I'd prefer to buy my chicken pieces and marinate them myself.  I'd bet the pre-marinated thighs are too salty.

I like to make teriyake chicken, in fact I'm about to start my marinade this morning.  Super easy and very delicious.

I make a simple marinade of a little lite soy sauce for saltiness and flavor, some crushed pineapple with some of the juice and brown sugar.  You don't need a whole lot and when mixed, add the chicken to the marinade, and turn every once in a while until dinner time.  I bake in the oven at 350° for an hour.

I keep crushed pineapple on hand by buying a can, using some and freezing the rest in a baggie laid flat in the freezer.  It's easy to break off a chunk for a meal.

I have never been satisfied with anything pre-marinated I've bought.


----------



## CraigC (Jun 6, 2015)

We marinate based on the meal. If we are grilling for an Italian meal the marinade will be based on the region of that cuisine. If we are marinading for a Korean meal, same thing applies. I wouldn't use a tequila, lime and chipotle marinade for either of the above cuisines. You are probably limited to the style of cuisine your original marinade reflects. Then again there is always "fusion".


----------



## RPCookin (Jun 6, 2015)

giggler said:


> Follow up to rolled chicken thighs..
> 
> We get Highly Marinated Chicken Thighs on sale at the grocery. or Breasts, your choice.
> 
> ...



Chicken chili or chicken stew?


----------



## Sir_Loin_of_Beef (Jun 6, 2015)

To answer the original question, do a Google search for "recipes using rotisserie chicken" and replace the rotisserie chicken in the recipes with your marinated chicken, after cooking it of course.


----------



## GotGarlic (Jun 6, 2015)

I also don't buy pre-marinated meats. Marinating them yourself makes them much more versatile. If you don't want to collect a bunch of ingredients for marinades (and I can't imagine why not! ), you can buy marinades for all kinds of cuisines - Thai, Chinese, Japanese, Greek, Turkish, Italian, etc. Then make kebabs and grill them, or make stir-fries and serve over rice, or make skillet dishes with a variety of vegetables and serve over pasta or rice. 

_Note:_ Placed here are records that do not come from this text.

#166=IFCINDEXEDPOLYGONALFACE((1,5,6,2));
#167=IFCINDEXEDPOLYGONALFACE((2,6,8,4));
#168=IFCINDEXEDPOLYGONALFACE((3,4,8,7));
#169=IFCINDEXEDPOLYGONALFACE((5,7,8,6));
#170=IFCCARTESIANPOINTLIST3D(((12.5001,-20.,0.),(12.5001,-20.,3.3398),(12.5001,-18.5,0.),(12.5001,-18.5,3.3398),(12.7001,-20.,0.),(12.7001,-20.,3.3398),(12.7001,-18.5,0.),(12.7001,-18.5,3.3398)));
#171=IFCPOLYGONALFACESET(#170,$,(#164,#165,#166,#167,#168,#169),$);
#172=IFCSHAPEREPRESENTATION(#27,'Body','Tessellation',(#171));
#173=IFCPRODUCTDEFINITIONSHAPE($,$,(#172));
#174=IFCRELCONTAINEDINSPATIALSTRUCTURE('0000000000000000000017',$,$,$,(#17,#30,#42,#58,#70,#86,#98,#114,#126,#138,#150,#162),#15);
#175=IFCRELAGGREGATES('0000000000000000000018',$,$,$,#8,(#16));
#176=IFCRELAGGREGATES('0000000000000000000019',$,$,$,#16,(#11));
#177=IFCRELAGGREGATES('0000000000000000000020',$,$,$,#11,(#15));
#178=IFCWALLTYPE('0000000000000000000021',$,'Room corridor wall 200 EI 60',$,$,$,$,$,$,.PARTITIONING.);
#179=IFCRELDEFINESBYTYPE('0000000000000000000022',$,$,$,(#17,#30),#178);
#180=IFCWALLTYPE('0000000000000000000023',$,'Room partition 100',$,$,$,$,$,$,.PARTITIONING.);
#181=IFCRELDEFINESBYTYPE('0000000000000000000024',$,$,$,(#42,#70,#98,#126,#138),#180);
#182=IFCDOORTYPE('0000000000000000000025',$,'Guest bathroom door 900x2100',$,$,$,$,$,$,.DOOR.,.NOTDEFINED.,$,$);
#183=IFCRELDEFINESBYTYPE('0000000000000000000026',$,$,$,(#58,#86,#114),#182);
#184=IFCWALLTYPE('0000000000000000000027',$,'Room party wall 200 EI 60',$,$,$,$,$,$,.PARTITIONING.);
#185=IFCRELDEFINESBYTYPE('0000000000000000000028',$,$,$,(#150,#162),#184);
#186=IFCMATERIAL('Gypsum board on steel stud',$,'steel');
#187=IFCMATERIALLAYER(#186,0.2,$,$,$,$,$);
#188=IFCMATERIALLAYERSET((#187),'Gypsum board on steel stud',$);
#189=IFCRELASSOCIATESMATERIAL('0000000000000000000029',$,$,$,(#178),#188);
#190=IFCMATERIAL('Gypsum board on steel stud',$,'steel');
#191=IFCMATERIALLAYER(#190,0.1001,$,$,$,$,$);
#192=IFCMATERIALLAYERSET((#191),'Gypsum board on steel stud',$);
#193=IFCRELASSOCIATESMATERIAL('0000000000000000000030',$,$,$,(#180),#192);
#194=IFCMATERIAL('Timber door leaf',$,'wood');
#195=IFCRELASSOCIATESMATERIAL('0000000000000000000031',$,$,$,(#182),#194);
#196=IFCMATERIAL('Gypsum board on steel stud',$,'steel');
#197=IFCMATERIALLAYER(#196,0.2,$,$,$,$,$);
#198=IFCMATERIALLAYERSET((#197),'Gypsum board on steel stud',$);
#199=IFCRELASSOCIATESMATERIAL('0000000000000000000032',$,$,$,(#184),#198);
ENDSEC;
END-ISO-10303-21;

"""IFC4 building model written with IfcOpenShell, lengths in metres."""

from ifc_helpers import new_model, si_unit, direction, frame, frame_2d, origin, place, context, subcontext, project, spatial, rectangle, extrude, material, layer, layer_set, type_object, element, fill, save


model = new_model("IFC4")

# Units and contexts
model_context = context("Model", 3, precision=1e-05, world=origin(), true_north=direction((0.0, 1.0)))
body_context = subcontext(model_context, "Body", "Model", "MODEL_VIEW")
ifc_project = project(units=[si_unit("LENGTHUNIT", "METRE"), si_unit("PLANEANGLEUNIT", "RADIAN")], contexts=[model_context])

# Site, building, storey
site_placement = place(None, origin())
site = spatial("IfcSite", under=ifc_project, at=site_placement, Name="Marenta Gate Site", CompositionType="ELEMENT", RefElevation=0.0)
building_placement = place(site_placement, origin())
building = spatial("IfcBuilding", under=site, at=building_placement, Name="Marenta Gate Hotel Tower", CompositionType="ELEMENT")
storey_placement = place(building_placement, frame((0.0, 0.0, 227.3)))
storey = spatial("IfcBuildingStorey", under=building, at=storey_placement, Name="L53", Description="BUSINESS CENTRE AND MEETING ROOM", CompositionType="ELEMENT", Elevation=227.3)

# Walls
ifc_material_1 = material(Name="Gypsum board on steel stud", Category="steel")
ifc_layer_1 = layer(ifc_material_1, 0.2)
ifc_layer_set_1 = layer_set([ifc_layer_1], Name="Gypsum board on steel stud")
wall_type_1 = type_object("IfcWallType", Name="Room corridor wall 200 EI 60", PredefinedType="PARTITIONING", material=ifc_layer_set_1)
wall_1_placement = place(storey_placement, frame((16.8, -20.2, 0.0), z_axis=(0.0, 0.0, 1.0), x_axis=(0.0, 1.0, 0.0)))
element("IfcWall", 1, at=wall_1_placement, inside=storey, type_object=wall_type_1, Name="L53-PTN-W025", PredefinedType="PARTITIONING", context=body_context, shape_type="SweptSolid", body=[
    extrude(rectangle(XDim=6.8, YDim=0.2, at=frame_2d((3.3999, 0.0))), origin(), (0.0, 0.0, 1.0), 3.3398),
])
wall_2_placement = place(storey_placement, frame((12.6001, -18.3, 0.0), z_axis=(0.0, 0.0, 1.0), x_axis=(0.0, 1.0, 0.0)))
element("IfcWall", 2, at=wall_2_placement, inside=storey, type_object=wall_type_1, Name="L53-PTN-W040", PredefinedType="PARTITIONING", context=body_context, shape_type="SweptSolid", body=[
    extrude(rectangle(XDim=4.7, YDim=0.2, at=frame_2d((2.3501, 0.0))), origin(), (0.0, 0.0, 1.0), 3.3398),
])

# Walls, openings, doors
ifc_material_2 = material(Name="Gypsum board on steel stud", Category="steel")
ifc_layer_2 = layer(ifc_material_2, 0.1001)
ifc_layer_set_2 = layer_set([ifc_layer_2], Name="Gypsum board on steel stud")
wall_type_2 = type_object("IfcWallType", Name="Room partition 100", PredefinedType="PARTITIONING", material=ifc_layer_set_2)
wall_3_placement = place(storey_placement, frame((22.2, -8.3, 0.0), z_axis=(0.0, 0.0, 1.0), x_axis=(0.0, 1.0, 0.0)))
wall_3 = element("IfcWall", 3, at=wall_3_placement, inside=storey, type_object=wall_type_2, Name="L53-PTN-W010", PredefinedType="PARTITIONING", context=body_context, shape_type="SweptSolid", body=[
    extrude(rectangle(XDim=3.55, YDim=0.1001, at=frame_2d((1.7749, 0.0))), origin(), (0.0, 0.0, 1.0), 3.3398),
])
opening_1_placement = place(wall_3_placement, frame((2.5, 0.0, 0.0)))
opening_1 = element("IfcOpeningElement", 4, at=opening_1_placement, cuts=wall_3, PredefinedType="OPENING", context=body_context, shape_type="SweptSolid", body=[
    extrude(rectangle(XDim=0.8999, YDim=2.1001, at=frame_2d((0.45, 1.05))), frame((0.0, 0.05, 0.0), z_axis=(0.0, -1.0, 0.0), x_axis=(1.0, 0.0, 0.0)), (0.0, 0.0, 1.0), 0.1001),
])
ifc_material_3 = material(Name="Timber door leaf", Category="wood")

With Mexican flavored chicken, you can also make quesadillas, nachos or taco salads. Mexican crema or sour cream mixed with lime juice, lime zest, chopped cilantro and a pinch of salt and sugar makes a nice sauce for Mexican food.


----------



## taxlady (Jun 6, 2015)

CraigC said:


> We marinate based on the meal. If we are grilling for an Italian meal the marinade will be based on the region of that cuisine. If we are marinading for a Korean meal, same thing applies. I wouldn't use a tequila, lime and chipotle marinade for either of the above cuisines. You are probably limited to the style of cuisine your original marinade reflects. Then again there is always "fusion".


I agree that the marinade should lend the inspiration for the type of food to cook. If it is good for fajitas, then wouldn't most Mexican chicken dishes work?


----------



## GotGarlic (Jun 6, 2015)

taxlady said:


> I agree that the marinade should lend the inspiration for the type of food to cook. If it is good for fajitas, then wouldn't most Mexican chicken dishes work?



They would, although there are Mexican dishes that use different types of sauces. Red chile sauces, green chile sauces, tomato sauces, tomatillo sauces and mole sauces are all very different. If you use the same marinade for everything, that would get boring, too, imo. Everything would taste pretty much the same.


----------



## jamesray_g (Aug 17, 2015)

I like to get the legs and thighs and soak them in Italian dressing or in butter and garlic and bake in the oven with tomatoes and onoins or mushroom soup is good as well

Sent from my NXA8QC116 using Tapatalk


----------



## Zhizara (Aug 18, 2015)

I like to marinate thighs or drumsticks in crushed pineapple with juice, brown sugar and lower sodium soy sauce.

In fact, I have a couple of large thighs marinating in this mixture for dinner tonight.


----------